A lawsuit filed by Arar was dismissed in 2006 by a federal district judge in Brooklyn, a ruling that was affirmed in 2008 by a three-judge panel of the appeals court. But the full appeals court decided to examine the matter and held oral arguments last December in what was considered an unusual move.

One of the four dissenting judges on the panel criticized his colleagues’ decision on Arar.

“I believe that when the history of this distinguished court is written, today’s majority decision will be viewed with dismay,” Judge Guido Calabresi wrote.

Arar’s lawsuit specifically targeted John Ashcroft, Bush’s one-time attorney general, FBI director Robert Mueller and former Homeland Security chief Tom Ridge, in addition to a number of American immigration officials.

President Barack Obama has been criticized for continuing with some of the most controversial anti-terrorism policies of the George W. Bush administration, including extraordinary rendition.

In a recent editorial, the New York Times assailed the White House for its “dismaying retreat from Mr. Obama’s passionate campaign promises to make a break with Mr.

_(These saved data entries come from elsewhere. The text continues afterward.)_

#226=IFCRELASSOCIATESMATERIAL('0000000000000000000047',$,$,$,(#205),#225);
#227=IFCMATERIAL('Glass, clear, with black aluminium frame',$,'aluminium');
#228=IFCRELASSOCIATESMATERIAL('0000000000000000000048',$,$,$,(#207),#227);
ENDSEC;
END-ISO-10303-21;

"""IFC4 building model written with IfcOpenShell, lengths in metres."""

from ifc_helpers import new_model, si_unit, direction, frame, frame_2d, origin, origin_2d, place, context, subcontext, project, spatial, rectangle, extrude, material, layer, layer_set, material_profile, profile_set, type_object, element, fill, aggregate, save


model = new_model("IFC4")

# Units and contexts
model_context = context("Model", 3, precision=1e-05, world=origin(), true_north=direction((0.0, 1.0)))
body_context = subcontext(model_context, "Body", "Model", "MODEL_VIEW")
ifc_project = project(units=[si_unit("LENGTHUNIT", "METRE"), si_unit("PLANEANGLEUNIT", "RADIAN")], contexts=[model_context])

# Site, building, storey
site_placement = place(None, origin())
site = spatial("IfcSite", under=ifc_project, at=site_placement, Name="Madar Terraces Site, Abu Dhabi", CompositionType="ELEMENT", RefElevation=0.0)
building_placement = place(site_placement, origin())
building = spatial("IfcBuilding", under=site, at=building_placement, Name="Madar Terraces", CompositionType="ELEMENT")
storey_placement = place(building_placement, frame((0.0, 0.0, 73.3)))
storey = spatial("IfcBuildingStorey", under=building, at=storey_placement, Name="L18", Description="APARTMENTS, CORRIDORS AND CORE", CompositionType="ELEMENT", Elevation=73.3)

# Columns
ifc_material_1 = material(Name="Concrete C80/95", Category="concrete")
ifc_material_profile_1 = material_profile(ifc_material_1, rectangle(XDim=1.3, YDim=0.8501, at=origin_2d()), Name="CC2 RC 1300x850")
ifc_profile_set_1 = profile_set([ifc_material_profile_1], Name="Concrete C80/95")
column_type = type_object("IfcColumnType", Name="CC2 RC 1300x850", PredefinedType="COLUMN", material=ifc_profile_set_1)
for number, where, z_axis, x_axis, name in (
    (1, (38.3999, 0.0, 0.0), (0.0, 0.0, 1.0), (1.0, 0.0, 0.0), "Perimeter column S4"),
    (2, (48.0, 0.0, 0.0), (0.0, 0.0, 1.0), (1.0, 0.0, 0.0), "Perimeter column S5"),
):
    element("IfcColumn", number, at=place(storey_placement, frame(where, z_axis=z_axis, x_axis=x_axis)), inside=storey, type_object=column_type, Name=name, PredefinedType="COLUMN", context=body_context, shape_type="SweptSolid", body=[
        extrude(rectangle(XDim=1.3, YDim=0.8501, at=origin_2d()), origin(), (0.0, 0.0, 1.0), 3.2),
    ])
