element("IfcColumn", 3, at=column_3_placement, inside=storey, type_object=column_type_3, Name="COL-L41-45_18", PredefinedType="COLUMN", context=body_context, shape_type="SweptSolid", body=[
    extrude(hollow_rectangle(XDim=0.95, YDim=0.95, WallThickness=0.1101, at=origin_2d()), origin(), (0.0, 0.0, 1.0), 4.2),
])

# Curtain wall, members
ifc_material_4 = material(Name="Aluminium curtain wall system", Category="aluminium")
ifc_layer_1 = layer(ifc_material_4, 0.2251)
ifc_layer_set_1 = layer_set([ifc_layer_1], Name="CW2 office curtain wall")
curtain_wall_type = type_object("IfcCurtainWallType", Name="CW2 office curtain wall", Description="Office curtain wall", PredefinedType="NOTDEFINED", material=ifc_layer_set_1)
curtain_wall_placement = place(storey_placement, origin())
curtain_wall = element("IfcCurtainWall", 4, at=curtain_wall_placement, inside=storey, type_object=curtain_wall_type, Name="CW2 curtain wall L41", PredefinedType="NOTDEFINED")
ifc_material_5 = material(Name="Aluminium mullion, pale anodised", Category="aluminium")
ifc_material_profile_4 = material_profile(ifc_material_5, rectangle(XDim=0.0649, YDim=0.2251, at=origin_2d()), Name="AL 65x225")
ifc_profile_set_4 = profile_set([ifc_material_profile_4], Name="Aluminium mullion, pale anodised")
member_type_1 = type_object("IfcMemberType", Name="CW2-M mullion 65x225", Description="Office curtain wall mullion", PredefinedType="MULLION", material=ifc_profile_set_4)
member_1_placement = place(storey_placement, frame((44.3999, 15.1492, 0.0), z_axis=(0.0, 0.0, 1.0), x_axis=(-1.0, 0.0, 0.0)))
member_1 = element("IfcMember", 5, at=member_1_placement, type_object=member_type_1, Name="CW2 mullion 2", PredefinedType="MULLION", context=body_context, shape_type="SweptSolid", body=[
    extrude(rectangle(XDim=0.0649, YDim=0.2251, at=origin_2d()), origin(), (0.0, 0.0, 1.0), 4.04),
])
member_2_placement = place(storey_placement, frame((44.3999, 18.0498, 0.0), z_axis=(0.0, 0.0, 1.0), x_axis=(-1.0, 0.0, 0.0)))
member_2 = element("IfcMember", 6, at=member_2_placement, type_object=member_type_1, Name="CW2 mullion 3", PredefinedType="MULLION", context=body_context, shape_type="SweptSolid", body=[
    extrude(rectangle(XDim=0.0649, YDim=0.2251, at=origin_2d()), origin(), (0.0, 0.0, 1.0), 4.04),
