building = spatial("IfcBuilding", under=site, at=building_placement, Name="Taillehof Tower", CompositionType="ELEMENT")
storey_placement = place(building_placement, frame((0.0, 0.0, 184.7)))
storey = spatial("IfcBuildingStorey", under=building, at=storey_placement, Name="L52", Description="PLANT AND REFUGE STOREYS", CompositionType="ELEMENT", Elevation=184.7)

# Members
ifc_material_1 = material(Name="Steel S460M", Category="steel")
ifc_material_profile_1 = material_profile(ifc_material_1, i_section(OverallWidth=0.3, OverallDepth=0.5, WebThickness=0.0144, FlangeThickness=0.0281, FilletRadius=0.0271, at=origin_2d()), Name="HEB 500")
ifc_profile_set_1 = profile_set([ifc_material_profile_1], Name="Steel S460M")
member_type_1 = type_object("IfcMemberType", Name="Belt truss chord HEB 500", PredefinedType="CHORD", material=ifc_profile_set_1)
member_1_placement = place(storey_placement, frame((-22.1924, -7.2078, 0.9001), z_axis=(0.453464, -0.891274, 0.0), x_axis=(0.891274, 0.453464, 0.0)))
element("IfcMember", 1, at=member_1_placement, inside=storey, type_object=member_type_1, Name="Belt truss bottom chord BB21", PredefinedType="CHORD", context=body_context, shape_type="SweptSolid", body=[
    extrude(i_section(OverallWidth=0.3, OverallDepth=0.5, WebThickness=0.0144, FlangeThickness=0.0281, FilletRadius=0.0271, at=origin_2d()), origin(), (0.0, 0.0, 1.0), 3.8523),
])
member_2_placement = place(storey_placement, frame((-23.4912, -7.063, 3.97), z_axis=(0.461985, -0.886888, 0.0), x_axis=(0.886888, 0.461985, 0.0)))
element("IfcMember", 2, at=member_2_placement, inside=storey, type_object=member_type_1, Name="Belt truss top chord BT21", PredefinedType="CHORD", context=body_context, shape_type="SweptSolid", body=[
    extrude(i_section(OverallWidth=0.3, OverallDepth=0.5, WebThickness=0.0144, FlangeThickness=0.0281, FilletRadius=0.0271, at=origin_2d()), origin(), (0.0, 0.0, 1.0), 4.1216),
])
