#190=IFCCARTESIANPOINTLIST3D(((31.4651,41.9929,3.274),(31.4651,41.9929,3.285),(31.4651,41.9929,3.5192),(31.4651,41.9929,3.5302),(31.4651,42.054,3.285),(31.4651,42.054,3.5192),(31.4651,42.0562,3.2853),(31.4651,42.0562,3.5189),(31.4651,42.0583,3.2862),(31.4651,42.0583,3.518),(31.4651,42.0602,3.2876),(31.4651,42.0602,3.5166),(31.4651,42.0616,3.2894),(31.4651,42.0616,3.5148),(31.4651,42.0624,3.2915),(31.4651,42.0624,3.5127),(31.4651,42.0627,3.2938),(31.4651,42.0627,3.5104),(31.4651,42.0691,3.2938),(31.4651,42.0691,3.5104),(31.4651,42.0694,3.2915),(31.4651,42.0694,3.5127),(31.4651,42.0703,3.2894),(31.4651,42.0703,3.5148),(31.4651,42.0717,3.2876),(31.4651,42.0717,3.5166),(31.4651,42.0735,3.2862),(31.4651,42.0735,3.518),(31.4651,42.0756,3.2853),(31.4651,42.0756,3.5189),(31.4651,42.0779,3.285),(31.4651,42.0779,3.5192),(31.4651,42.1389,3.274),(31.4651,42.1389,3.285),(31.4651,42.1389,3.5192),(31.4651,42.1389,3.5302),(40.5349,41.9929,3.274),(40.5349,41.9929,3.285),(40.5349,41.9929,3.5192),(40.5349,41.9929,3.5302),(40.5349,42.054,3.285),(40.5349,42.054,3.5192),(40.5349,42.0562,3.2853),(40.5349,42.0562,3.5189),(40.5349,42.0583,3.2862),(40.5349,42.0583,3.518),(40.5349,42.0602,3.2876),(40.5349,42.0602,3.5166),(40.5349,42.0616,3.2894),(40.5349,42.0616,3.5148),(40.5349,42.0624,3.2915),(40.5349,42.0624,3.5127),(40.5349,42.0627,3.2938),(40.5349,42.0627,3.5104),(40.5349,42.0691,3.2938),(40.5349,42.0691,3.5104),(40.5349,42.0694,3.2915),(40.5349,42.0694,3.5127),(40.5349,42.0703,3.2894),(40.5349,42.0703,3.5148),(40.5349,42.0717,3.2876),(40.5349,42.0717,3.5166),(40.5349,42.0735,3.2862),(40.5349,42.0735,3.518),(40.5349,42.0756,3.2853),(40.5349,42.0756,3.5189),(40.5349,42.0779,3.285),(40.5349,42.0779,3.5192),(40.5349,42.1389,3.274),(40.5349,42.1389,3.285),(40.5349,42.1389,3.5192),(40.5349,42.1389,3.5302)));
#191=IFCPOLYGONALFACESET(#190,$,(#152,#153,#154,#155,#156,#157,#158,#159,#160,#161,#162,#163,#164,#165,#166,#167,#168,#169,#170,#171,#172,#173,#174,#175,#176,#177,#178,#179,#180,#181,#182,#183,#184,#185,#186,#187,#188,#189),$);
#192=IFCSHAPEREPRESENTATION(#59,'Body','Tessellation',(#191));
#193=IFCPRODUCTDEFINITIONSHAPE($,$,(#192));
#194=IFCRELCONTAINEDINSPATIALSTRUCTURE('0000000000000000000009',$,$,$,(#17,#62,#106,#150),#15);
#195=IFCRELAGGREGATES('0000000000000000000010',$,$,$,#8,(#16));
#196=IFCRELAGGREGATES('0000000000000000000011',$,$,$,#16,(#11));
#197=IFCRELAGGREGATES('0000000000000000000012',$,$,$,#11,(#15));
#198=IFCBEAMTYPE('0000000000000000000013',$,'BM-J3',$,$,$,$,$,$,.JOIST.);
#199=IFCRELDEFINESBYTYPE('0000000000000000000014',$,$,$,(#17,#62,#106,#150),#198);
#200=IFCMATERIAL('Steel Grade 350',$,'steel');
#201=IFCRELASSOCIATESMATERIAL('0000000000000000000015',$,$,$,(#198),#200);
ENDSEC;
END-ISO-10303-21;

Bush’s abuses of power, a shift that denies justice to the victims of wayward government policies and shields officials from accountability.”

During his bid for the White House, Obama pledged to end “the practice of shipping away prisoners in the dead of night to be tortured in far-off countries.”

But critics in the human rights community say little has changed since the final years of the Bush administration, including extraordinary rendition.

The president has pledged to stop the use of torture and has vowed to close the detention facility at Guantanamo Bay by January, but has yet to determine what to do with the detainees. He’s also continued to hold prisoners at Bagram Airfield in Afghanistan without legal rights.